Here, we attempt to understand the diversity of the attributes (columns) in those datasets.

## Strategy.

1. eunmerate all of the directories and their associated data dictionaries, as found in the data_guide.csv files
2. examine each of the data_guide.csv files to identify the fields contained. 
3. Come up with a master list of fields and frequences, as well as a list of fields/dataset.

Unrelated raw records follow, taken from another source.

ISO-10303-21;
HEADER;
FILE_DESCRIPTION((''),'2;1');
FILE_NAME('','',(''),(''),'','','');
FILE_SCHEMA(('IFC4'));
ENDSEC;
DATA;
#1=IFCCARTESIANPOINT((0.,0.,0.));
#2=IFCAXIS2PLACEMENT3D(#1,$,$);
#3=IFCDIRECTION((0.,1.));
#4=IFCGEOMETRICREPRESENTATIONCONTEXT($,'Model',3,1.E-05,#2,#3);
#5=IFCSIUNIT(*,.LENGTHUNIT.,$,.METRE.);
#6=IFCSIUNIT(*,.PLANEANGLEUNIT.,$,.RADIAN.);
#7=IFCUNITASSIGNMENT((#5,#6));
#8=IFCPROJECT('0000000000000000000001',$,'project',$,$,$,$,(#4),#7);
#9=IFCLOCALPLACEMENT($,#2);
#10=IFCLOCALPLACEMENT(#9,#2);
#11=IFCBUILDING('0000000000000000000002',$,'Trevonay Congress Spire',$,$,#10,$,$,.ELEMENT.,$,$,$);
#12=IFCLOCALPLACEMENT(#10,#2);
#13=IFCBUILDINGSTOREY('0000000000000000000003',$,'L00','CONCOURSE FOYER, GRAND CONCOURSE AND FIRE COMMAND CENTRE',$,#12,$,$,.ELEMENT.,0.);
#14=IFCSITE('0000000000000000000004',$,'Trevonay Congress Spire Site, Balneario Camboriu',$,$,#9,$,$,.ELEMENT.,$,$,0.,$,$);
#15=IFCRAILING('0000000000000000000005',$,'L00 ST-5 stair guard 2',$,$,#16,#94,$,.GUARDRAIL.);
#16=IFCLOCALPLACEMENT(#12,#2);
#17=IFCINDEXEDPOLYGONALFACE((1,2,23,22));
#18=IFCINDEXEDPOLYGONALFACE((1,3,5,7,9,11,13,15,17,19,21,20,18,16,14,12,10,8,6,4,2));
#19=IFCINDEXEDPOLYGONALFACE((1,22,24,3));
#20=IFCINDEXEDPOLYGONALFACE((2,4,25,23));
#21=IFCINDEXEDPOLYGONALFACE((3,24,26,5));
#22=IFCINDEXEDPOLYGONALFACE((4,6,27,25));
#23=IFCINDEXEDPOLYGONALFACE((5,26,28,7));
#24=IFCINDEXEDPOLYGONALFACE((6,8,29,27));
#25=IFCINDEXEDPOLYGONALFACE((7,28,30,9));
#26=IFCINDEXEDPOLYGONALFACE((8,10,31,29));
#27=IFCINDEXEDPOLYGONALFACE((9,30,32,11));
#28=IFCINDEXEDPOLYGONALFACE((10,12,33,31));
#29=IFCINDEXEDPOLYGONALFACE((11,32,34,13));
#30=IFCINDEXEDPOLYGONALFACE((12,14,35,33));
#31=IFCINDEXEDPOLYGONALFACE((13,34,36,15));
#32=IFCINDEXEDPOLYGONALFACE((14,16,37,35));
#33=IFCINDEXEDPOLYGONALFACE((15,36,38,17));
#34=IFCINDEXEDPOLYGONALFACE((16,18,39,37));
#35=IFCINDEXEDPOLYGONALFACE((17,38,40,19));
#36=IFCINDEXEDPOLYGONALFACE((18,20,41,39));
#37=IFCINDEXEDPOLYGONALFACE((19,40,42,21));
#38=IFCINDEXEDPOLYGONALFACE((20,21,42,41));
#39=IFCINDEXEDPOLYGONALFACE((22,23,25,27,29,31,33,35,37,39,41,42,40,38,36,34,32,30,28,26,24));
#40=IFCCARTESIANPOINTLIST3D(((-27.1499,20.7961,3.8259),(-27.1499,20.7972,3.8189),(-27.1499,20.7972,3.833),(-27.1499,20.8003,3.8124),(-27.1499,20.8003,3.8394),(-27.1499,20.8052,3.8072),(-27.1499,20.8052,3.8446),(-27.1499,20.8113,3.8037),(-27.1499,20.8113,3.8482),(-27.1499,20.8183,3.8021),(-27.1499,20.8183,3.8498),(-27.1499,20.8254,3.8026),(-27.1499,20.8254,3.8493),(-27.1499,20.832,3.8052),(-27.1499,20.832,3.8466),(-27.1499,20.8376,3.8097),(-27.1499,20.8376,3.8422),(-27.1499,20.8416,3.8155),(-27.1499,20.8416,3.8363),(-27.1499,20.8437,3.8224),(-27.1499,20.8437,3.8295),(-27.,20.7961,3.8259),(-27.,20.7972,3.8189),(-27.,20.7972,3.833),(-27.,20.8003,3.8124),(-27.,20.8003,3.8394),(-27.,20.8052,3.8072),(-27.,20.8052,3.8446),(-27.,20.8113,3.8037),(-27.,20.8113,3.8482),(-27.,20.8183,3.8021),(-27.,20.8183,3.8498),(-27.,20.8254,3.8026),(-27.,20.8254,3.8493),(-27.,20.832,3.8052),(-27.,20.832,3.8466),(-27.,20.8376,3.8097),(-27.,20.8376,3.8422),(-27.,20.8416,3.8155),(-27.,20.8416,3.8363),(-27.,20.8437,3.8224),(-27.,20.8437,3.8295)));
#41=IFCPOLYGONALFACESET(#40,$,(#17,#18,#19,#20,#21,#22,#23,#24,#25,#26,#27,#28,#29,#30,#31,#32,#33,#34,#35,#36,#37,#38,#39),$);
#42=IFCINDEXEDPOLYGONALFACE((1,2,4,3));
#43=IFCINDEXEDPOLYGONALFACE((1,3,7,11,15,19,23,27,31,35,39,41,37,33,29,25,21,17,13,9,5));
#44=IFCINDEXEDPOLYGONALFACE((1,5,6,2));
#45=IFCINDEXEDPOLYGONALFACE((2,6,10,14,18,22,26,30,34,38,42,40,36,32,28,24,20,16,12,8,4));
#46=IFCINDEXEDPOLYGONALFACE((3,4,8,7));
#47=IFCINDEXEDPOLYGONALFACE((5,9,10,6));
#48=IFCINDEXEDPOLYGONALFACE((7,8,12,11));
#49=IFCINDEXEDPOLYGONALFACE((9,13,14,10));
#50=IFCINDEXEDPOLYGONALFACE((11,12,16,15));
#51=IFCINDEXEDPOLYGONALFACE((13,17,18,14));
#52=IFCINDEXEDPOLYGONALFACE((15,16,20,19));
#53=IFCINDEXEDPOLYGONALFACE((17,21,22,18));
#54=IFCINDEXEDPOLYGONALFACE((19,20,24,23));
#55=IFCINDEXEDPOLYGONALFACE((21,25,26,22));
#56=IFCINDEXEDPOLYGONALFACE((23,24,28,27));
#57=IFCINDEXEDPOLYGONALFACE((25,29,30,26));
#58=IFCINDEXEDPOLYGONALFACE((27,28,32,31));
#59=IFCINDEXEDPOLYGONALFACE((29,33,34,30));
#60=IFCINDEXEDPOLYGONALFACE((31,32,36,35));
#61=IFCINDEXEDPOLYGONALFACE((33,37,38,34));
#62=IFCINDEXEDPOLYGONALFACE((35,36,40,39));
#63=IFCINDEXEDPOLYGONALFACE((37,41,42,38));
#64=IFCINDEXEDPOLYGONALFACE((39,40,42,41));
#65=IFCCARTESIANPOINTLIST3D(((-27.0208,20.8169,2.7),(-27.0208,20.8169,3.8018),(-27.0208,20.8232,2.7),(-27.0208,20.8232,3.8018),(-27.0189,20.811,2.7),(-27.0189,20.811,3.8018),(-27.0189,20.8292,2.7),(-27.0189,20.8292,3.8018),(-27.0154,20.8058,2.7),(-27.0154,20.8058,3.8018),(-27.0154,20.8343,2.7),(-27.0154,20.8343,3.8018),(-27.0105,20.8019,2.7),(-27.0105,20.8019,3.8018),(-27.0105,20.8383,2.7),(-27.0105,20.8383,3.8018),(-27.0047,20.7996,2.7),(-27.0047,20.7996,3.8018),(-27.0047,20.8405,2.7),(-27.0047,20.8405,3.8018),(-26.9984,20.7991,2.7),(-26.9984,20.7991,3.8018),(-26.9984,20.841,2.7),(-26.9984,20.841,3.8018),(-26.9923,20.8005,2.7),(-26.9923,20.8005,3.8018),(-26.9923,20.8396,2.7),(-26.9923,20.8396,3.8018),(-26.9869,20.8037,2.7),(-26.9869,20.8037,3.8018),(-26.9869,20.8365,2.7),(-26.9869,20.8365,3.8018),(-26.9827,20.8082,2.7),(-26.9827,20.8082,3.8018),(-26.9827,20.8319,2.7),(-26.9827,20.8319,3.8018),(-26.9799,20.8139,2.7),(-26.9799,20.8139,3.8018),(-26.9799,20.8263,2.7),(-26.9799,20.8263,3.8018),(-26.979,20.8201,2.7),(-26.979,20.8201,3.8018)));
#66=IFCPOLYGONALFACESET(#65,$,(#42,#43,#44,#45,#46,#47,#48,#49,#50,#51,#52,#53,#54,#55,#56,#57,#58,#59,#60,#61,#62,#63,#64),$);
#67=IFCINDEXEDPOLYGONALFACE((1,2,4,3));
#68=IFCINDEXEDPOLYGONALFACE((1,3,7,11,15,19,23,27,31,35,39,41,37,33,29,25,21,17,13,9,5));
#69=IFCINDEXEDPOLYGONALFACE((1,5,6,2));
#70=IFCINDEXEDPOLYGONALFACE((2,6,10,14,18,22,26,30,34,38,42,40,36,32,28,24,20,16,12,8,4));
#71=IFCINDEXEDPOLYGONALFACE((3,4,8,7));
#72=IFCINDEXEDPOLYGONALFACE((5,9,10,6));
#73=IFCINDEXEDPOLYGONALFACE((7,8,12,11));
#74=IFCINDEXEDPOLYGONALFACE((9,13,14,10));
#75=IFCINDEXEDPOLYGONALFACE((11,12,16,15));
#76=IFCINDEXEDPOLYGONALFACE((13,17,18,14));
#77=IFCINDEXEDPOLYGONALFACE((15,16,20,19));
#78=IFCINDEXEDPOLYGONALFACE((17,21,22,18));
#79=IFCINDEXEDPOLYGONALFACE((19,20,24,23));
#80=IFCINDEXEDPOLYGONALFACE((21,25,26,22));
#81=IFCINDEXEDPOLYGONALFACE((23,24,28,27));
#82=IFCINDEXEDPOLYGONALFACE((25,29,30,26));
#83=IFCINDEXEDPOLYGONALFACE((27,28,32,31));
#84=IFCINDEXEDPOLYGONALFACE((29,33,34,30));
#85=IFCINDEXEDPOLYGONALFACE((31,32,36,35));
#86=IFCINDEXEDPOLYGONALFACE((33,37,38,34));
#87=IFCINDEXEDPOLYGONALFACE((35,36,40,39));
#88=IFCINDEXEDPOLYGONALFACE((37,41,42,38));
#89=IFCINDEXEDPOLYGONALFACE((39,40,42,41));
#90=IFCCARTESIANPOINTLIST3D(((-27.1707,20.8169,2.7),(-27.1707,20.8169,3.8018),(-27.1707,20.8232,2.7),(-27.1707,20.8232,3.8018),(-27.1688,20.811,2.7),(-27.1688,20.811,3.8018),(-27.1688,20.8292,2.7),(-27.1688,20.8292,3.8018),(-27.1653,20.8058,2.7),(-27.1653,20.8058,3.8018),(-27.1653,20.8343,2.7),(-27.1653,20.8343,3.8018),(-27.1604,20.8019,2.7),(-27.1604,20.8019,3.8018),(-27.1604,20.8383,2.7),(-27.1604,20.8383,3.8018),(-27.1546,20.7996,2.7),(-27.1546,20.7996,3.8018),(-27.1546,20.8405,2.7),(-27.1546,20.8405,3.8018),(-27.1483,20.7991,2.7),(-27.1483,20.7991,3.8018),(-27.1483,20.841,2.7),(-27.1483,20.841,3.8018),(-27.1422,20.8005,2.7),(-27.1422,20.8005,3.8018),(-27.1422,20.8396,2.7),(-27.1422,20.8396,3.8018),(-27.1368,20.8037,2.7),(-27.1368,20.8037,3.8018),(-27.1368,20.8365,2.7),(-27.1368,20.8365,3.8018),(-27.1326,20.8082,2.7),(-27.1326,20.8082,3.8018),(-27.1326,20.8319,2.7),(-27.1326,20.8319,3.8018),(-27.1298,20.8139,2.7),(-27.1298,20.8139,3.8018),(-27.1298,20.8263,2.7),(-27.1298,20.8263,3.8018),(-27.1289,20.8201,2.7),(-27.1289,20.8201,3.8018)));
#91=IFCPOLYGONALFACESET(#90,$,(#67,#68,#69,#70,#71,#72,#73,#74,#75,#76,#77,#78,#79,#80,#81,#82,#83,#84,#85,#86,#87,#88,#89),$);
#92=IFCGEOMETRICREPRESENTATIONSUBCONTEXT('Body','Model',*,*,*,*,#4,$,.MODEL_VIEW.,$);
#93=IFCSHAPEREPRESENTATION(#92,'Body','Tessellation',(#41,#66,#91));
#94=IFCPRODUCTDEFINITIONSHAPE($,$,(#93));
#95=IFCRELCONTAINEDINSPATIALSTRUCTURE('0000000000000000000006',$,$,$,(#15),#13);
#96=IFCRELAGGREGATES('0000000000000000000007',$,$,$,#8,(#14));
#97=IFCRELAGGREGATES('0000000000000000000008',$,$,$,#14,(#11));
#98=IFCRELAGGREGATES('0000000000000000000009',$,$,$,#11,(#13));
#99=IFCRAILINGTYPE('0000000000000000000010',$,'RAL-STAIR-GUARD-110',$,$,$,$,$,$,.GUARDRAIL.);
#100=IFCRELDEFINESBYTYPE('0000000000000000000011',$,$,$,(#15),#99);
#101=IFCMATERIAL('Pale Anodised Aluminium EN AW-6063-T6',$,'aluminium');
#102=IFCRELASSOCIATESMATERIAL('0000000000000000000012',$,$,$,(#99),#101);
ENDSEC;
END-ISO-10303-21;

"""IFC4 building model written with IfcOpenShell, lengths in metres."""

from ifc_helpers import new_model, si_unit, direction, frame, origin, origin_2d, place, context, subcontext, project, spatial, circle, extrude, material, type_object, element, save


model = new_model("IFC4")

# Units and contexts
model_context = context("Model", 3, precision=1e-05, world=origin(), true_north=direction((0.0, 1.0)))
body_context = subcontext(model_context, "Body", "Model", "MODEL_VIEW")
ifc_project = project(units=[si_unit("LENGTHUNIT", "METRE"), si_unit("PLANEANGLEUNIT", "RADIAN")], contexts=[model_context])

# Site, building, storey
site_placement = place(None, origin())
site = spatial("IfcSite", under=ifc_project, at=site_placement, Name="Trevonay Congress Spire Site, Balneario Camboriu", CompositionType="ELEMENT", RefElevation=0.0)
building_placement = place(site_placement, origin())
building = spatial("IfcBuilding", under=site, at=building_placement, Name="Trevonay Congress Spire", CompositionType="ELEMENT")
storey_placement = place(building_placement, origin())
storey = spatial("IfcBuildingStorey", under=building, at=storey_placement, Name="L00", Description="CONCOURSE FOYER, GRAND CONCOURSE AND FIRE COMMAND CENTRE", CompositionType="ELEMENT", Elevation=0.0)

# Shared definitions
ifc_material_1 = material(Name="Pale Anodised Aluminium EN AW-6063-T6", Category="aluminium")

# Railing
railing_type_1 = type_object("IfcRailingType", Name="RAL-STAIR-GUARD-110", PredefinedType="GUARDRAIL", material=ifc_material_1)
railing_1_placement = place(storey_placement, frame((-27.0, 20.8201, 2.7)))
element("IfcRailing", 1, at=railing_1_placement, inside=storey, type_object=railing_type_1, Name="L00 ST-5 stair guard 2", PredefinedType="GUARDRAIL", context=body_context, shape_type="SweptSolid", body=[
    extrude(circle(Radius=0.0239, at=origin_2d()), frame((0.0, 0.0, 1.126), z_axis=(-1.0, 0.0, 0.0), x_axis=(0.0, -1.0, 0.0)), (0.0, 0.0, 1.0), 0.1499),
    extrude(circle(Radius=0.021, at=origin_2d()), origin(), (0.0, 0.0, 1.0), 1.1018),
    extrude(circle(Radius=0.021, at=origin_2d()), frame((-0.1499, 0.0, 0.0)), (0.0, 0.0, 1.0), 1.1018),
])

save(model, "model.ifc")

## enumerating and finding data dictionaries. 

In [2]:
from os import listdir
from os.path import isfile, join
import glob

In [3]:
files=glob.glob("../data/**/data_guide.csv",recursive=True)

In [4]:
files

['../data/cases/south korea/confirmed_cases_movement/data_guide.csv',
 '../data/cases/china/daily_cases_chinacdc_ZH/data_guide.csv',
 '../data/cases/china/death_count_imperial_college/data_guide.csv',
 '../data/cases/china/daily_cases_chinacdc_EN/data_guide.csv',
 '../data/cases/china/cases_travel/data_guide.csv',
 '../data/cases/china/cumulative_cases_DXY/data_guide.csv',
 '../data/cases/europe/europe_situation_updates/data_guide.csv',
 '../data/cases/global/line_listings_nihfogarty/data_guide.csv',
 '../data/cases/global/line_listings_imperial_college/data_guide.csv',
 '../data/cases/global/line_listings_oxford/data_guide.csv',
 '../data/cases/canada/ontario_situation_updates/data_guide.csv',
 '../data/data_from_papers/dataset_luo-et-al_202002/data_guide.csv']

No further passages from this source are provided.